# dealing with cannon fire



## Flindo (Oct 30, 2010)

hey guys, my Stegadon always takes so much crap from cannons, weapon teams, mages, among other things, I am curious what you guys do to deal with these types of annoyances against your larger models? because as of right now no matter what I do my steggy is dead within 1-2 turns.


----------



## The Son of Horus (Dec 30, 2006)

I don't know how helpful I'll be here-- I'm a Warriors of Chaos player, and I don't really bring the big stuff. But I'll give it a shot anyway.

I think what I'd do is try to present targets that are more appealing to the enemy cannons. Something that's immediately more threatening that they -have- to deal with or lose the cannon before it's able to do its job. With Lizardmen, that might be a big unit of Saurus Cavalry romping down the flank-- they may need to devote all the fire they can to stop that unit, since a unit like that can roll the flank all by itself against most shooty armies. Killing the stegadon won't help much if that happens.

Another option is to just shrug and let the stegadon play bullet magnet. It takes the cannonball so your big units of Saurus or Temple Guard don't, and thus end up with more models stuck in once the fighting starts. 

If you're having issues with war machines, skink skirmishers or chameleon skinks are a simple fix-- you can pretty rapidly have them go blowdart the bejesus out of artillery units and then write them off from your plans-- they'll have not only paid for themselves at that point, but done what you brought them to do. If you can use them to make a nuisance of themselves beyond that, it's just added value. Another potential option there is (provided you don't mind spending points from your Hero allotment) giving a Scar Veteran a great weapon and the Jaguar Charm, and sending him off by himself to go cannon hunting. 

If you end up having issues with the war machines chewing up your Saurus Warriors, then either a Slaan with buff spells or the Engine of the Gods is a must-- the former is probably better used with offensive buffs from the Lore of Light, but the Engine can just leave the bubble shield up and let the ward save do its thing. 

Finally, make sure you're playing with terrain on the table.
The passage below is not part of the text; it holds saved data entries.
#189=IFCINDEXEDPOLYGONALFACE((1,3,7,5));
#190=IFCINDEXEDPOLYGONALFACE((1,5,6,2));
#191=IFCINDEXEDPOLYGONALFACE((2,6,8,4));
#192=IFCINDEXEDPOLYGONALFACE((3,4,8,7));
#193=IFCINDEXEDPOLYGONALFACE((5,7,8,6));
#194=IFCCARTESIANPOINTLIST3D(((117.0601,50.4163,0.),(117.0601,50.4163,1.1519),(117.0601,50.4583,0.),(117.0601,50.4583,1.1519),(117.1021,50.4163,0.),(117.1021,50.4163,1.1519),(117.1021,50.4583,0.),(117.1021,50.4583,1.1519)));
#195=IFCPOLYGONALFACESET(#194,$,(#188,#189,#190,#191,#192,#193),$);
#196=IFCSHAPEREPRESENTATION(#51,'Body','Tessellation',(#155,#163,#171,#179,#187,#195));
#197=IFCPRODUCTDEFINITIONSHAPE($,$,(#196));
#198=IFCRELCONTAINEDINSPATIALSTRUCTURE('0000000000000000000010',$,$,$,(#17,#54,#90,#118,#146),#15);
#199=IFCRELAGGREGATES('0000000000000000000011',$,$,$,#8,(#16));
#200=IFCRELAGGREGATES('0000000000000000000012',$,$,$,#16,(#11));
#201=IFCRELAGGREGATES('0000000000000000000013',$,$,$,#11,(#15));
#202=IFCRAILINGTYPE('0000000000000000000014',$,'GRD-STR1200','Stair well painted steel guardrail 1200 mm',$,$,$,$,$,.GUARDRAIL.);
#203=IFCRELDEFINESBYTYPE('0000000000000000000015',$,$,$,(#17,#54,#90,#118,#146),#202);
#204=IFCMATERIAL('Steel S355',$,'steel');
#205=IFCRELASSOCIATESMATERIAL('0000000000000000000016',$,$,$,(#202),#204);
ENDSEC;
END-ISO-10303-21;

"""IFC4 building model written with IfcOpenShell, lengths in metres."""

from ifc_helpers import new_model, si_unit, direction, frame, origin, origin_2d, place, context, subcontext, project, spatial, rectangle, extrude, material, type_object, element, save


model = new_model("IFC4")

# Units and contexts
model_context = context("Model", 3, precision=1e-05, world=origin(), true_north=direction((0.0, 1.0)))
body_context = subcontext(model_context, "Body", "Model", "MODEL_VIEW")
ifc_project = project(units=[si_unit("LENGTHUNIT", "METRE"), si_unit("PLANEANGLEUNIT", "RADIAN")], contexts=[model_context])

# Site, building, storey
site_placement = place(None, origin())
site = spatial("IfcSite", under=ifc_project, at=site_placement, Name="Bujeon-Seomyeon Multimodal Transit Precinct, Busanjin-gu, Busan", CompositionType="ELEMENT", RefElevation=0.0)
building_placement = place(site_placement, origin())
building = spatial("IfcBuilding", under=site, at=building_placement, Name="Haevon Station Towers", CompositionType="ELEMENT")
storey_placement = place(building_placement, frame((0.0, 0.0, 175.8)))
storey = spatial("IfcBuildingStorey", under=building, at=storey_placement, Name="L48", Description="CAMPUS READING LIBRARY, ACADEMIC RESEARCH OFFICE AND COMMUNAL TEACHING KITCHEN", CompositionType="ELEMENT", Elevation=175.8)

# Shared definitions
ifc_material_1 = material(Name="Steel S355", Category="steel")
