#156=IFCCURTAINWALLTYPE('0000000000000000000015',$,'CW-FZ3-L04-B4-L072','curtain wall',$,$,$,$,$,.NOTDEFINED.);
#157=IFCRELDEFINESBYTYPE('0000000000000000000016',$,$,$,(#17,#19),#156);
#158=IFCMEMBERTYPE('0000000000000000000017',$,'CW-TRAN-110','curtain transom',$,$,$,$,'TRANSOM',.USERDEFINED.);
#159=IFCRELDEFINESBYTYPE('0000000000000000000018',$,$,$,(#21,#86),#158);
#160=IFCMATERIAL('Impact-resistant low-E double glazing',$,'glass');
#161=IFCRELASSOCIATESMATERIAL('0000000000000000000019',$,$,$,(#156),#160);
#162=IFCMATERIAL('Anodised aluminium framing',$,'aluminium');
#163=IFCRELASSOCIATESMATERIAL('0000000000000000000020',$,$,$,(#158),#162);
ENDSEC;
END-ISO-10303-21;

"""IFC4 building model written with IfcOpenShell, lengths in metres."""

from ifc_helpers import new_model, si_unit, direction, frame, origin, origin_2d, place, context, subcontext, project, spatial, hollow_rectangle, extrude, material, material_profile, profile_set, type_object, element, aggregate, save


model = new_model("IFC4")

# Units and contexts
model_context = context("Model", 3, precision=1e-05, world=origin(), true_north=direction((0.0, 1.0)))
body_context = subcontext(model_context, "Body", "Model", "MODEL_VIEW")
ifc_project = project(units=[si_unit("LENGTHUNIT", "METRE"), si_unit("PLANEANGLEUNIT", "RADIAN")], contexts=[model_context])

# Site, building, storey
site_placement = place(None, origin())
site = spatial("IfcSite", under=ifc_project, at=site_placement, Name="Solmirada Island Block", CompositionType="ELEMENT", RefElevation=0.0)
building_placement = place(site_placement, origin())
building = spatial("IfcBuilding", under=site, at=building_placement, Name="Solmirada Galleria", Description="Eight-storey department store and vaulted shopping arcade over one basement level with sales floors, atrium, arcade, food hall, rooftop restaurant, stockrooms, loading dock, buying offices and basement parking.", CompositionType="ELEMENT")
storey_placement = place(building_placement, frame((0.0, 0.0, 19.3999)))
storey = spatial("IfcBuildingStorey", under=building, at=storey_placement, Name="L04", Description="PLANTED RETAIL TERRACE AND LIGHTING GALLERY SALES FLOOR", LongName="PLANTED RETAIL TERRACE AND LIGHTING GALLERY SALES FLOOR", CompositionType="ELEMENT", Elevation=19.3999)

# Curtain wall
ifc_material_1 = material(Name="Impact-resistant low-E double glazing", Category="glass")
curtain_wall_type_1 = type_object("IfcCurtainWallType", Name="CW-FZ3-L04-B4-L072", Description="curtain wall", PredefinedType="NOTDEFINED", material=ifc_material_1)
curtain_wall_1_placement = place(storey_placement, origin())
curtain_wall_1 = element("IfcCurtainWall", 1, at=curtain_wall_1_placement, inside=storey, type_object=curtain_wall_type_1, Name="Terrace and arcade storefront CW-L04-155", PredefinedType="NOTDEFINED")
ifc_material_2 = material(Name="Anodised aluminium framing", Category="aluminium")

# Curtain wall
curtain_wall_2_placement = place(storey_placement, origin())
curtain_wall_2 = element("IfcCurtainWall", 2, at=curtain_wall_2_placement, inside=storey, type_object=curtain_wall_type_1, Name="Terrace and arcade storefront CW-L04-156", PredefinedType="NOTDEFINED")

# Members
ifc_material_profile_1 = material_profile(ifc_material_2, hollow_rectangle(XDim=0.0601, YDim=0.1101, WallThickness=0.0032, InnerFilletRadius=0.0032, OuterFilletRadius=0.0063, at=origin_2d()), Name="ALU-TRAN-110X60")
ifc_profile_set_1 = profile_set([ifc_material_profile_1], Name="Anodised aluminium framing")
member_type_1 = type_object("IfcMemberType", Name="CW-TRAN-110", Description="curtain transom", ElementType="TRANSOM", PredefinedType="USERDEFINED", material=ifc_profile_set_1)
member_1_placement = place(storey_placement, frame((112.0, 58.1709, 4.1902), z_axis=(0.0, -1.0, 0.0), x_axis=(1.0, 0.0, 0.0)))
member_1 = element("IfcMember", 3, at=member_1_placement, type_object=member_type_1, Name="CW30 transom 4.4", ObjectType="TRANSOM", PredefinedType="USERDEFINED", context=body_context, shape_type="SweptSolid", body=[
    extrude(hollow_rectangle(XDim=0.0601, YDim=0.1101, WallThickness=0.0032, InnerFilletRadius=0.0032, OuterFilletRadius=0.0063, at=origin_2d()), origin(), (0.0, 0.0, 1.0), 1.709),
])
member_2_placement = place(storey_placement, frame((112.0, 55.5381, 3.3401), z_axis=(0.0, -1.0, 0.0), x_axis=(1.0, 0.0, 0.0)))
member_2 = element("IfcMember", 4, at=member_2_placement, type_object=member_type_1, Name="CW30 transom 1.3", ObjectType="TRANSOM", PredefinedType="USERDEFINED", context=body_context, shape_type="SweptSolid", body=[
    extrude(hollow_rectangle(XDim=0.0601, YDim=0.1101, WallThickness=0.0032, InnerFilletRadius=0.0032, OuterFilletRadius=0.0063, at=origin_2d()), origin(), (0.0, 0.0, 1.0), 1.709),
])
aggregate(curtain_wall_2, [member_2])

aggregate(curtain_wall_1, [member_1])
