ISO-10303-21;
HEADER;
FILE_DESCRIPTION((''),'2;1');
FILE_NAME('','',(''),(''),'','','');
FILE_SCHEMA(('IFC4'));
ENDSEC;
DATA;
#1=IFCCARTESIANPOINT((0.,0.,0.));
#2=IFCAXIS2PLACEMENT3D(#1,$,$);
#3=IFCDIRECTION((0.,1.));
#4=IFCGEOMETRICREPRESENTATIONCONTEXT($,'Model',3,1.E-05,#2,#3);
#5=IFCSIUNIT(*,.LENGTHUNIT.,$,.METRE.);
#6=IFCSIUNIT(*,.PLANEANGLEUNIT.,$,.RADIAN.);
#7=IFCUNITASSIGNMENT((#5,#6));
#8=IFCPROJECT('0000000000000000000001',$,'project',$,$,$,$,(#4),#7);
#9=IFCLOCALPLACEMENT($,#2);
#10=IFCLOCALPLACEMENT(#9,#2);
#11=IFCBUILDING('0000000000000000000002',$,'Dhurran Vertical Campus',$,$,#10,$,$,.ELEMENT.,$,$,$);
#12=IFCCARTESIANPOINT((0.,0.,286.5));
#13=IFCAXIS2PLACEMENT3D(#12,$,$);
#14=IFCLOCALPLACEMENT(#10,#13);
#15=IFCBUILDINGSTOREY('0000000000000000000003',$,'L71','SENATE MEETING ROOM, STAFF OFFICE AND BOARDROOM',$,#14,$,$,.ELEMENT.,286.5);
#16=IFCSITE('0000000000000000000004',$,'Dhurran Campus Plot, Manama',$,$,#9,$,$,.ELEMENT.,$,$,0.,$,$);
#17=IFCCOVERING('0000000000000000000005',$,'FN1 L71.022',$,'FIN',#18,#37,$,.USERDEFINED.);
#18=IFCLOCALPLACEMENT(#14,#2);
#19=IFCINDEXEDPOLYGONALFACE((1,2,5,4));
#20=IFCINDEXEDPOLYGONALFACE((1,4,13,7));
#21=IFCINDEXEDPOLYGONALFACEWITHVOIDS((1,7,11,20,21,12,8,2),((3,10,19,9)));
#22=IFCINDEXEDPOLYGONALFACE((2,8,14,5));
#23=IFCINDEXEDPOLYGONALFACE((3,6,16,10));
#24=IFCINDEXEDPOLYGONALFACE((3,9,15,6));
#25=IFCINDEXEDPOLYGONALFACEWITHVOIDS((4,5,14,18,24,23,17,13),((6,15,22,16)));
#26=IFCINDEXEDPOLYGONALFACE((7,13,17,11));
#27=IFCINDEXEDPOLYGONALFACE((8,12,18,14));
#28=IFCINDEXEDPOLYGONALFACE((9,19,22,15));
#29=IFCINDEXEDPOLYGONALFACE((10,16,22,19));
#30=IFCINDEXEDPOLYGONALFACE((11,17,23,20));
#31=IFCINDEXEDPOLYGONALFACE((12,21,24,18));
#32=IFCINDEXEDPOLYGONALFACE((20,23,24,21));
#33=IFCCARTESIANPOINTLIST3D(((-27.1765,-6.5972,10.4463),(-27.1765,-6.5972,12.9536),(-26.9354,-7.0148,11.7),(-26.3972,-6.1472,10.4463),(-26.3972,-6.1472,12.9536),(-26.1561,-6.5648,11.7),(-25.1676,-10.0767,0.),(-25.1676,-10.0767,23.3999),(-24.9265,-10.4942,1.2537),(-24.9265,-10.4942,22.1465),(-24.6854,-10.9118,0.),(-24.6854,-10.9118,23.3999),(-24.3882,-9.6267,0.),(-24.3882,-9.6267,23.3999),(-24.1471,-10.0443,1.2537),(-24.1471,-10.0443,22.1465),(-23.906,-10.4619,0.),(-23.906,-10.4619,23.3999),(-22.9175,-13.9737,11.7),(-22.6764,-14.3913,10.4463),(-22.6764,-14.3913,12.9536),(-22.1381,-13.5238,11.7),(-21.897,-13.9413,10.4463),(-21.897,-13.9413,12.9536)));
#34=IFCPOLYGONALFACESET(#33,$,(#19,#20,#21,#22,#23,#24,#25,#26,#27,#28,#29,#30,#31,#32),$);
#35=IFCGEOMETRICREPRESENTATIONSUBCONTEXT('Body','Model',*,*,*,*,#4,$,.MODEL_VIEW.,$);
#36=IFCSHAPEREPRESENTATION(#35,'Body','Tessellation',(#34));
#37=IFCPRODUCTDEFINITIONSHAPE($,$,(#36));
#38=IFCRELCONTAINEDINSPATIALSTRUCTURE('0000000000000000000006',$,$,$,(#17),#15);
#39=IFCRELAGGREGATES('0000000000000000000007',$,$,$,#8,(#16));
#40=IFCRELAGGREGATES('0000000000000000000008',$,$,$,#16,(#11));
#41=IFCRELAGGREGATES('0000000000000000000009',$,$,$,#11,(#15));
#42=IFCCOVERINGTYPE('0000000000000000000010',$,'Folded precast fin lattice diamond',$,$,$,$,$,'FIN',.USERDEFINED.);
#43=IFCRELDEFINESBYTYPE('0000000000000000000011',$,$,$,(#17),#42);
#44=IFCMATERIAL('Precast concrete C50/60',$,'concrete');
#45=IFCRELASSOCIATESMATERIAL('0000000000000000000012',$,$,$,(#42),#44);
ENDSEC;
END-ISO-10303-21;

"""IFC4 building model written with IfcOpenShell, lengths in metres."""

from ifc_helpers import new_model, si_unit, direction, frame, origin, place, context, subcontext, project, spatial, polyline, outline, extrude, material, type_object, element, save


model = new_model("IFC4")

# Units and contexts
model_context = context("Model", 3, precision=1e-05, world=origin(), true_north=direction((0.0, 1.0)))
body_context = subcontext(model_context, "Body", "Model", "MODEL_VIEW")
ifc_project = project(units=[si_unit("LENGTHUNIT", "METRE"), si_unit("PLANEANGLEUNIT", "RADIAN")], contexts=[model_context])

# Site, building, storey
site_placement = place(None, origin())
site = spatial("IfcSite", under=ifc_project, at=site_placement, Name="Dhurran Campus Plot, Manama", CompositionType="ELEMENT", RefElevation=0.0)
building_placement = place(site_placement, origin())
building = spatial("IfcBuilding", under=site, at=building_placement, Name="Dhurran Vertical Campus", CompositionType="ELEMENT")
storey_placement = place(building_placement, frame((0.0, 0.0, 286.5)))
storey = spatial("IfcBuildingStorey", under=building, at=storey_placement, Name="L71", Description="SENATE MEETING ROOM, STAFF OFFICE AND BOARDROOM", CompositionType="ELEMENT", Elevation=286.5)

# Covering
ifc_material_1 = material(Name="Precast concrete C50/60", Category="concrete")
covering_type = type_object("IfcCoveringType", Name="Folded precast fin lattice diamond", ElementType="FIN", PredefinedType="USERDEFINED", material=ifc_material_1)
covering_1_placement = place(storey_placement, frame((-26.3972, -6.1472, 0.0), z_axis=(-0.866014, -0.50002, 0.0), x_axis=(0.50002, -0.866014, 0.0)))
element("IfcCovering", 1, at=covering_1_placement, inside=storey, type_object=covering_type, Name="FN1 L71.022", ObjectType="FIN", PredefinedType="USERDEFINED", context=body_context, shape_type="SweptSolid", body=[
    extrude(outline(polyline([(9.0, 12.9536), (9.0, 10.4463), (4.9822, 0.0), (4.0178, 0.0), (0.0, 10.4463), (0.0, 12.9536), (4.0178, 23.3999), (4.9822, 23.3999), (9.0, 12.9536)]), holes=[polyline([(8.5178, 11.7), (4.5, 22.1465), (0.4822, 11.7), (4.5, 1.2537), (8.5178, 11.7)])]), origin(), (0.0, 0.0, 1.0), 0.8999),
])

save(model, "model.ifc")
The single biggest difference between 7th and 8th is that you should have as much terrain on the table as you would for a 40k game-- about 25% of the board, and some of it should be in the middle of the table. That cuts down the line of fire that cannons end up with, and it also forces enemy armies to maneuver more-- it's a lot harder to just play to the army's written strengths when you have to deal with the table not being a simple valley.


----------



## Aramoro (Oct 7, 2009)

The simple answer is don't play with Monsters. They're almost impossible to protect, though skulking round terrain can help. When you're place terrain at the start of the game, make sure you drop down somewhere for your steg to hide till you've dealt with the cannon.


----------



## GrizBe (May 12, 2010)

Cannons are way too op'ed in this edition. I've explained why before, but theres no way a single cannon shot should be able to hit everything on a monster at once, so shouldn't cause the kid of damage it does.


----------



## Alsojames (Oct 25, 2010)

Do what I do--Rush it!


----------



## Arli (Mar 4, 2010)

Chameleons, Terradons, and an occasional scar-vet on a cold one should take care of any war machines that are troubling you.


----------



## Vaz (Mar 19, 2008)

Characters with Ward Saves - a Skink Priest with Amulet of Prevention on a Stegadon gives himself and the mount a 4+ Ward Save, and as they rarely take a Magic Item in any case having a EotG on the back, that's it.

Otherwise, I wouldn't take it at all, it sucks in combat, it sucks in shooting, it sucks in psychology. All things it's intended to do well in, and I don't fancy spending 400 odd points on -1 to cast spells any more.


----------



## Luisjoey (Dec 3, 2010)

Use your HIGH MAGIC! you are lizardman and have the best of the magic tricks to tear down cannons that are so unprotected 

the flyers terradons kamikaze can do it great.


----------